James was sitting on the edge of his bed when Ned Veigler gently pushed open the door. James was staring down at his toes and muttering to himself in a low voice - “Don’t be selfish, you can’t expect him to sit about weeping for Moony when he has a chance like this. You’re fine. You’re not depressed like he was, he needs Remus and you’re fine alone if you need to be. And nothing’s going to happen anyway, James. Bloody hell, of course not, he’s dad, he’s going to be alright! Don’t be an idiot. Don’t be selfish… You march down there and tell Sirius you’re happy for him and Moony. Go on. Do it, you great prat.” But he couldn’t… He sat exactly where he was, his lip trembling and he whispered, “Maybe just a minute more of being selfish. But then you go and you tell him… Alright.” His throat felt like a great lump.

Ned cleared his throat, not wanting to startle James coming in the door behind him, and James turned about in surprise and stared at Ned for a moment. He stood up and he said, in a falsely chipper voice, which cracked along the edges a wee bit, “I was just - coming to get my trainers… so very happy -- Sirius and Remus… I mean…” He paused. Ned was just staring at him with these sympathetic eyes and James sighed.

“What’s going on, James?” Ned Veigler asked gently and he walked over and pulled James’s desk chair out and sat in it backwards, his beard hanging over the back of the chair as he watched James standing there looking confronted.

James shook his head.

“Don’t want to talk of it?” Ned asked, “That’s alright. I understand. Merlin knows I understand the idea of running away from bits of your life you don’t much like,” he added.

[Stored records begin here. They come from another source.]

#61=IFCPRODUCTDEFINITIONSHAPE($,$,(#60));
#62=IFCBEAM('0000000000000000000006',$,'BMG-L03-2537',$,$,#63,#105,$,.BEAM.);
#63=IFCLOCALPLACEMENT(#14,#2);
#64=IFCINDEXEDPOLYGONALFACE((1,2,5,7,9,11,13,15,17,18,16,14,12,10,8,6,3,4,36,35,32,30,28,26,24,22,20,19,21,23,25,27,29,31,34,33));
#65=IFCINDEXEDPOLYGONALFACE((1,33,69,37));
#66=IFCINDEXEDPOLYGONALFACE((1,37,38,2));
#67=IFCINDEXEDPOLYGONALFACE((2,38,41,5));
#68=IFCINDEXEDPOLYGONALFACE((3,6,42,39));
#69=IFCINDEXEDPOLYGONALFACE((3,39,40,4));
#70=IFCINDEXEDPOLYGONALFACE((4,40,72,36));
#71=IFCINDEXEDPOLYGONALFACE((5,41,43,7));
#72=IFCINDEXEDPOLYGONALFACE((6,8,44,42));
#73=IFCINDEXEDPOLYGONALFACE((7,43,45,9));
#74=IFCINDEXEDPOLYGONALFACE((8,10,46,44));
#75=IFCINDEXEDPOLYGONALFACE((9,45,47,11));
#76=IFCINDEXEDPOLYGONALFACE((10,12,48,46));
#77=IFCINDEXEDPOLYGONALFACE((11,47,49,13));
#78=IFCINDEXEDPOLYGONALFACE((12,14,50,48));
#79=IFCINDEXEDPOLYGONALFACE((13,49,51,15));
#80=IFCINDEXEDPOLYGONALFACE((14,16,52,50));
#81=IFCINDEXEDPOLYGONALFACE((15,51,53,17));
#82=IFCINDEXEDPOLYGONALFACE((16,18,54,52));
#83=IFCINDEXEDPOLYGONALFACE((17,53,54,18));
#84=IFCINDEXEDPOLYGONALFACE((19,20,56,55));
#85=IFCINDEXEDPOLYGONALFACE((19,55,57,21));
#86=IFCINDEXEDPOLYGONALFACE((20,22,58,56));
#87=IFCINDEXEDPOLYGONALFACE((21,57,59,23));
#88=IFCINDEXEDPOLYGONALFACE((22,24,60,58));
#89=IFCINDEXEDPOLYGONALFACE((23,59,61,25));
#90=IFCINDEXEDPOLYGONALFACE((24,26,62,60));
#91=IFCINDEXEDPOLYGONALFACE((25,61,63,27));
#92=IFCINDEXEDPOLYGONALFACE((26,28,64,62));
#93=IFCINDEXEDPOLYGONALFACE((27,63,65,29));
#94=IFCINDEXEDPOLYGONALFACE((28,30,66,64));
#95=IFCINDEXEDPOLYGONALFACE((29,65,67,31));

James murmured, “It’s not that.”

“No?” Ned tilted his head slightly.

James ran a hand through his hair, “I really am happy for Sirius and Remus, I wasn’t just saying that. Really.”

“Of course.”

“They’re my best mates,” James said. “I’d… literally do anything for them.” He thought of the time turner.

So did Ned Veigler.

Ned sat upright and rested his chin on the back of the chair, watching James.

James sighed and sat on the end of the bed. “My dad’s sick,” his voice was heavy. He paused then, “Dying, really. He’s in the hospital. Dragon pox. The scales are growing so fast they have to scrape them nearly three times a day and I don’t know what to do, he’s my dad, he’s - he’s my hero - he’s... --” James paused and shook his head, sweeping his hands over his damp eyes. “Listen to me. Selfish again. I mean, perhaps dying’s a mercy to him at this point, I dunno.”

“It isn’t selfish to want him to get better, James,” Ned said gently, “Nor to wish for your friends to be there for you.”

“There’s nothing they can do anyway. Sirius might as well be in Iceland as here. It doesn’t really make a difference, does it? It’s not as though Dad will be healed because Sirius is sleeping across the hall from me.”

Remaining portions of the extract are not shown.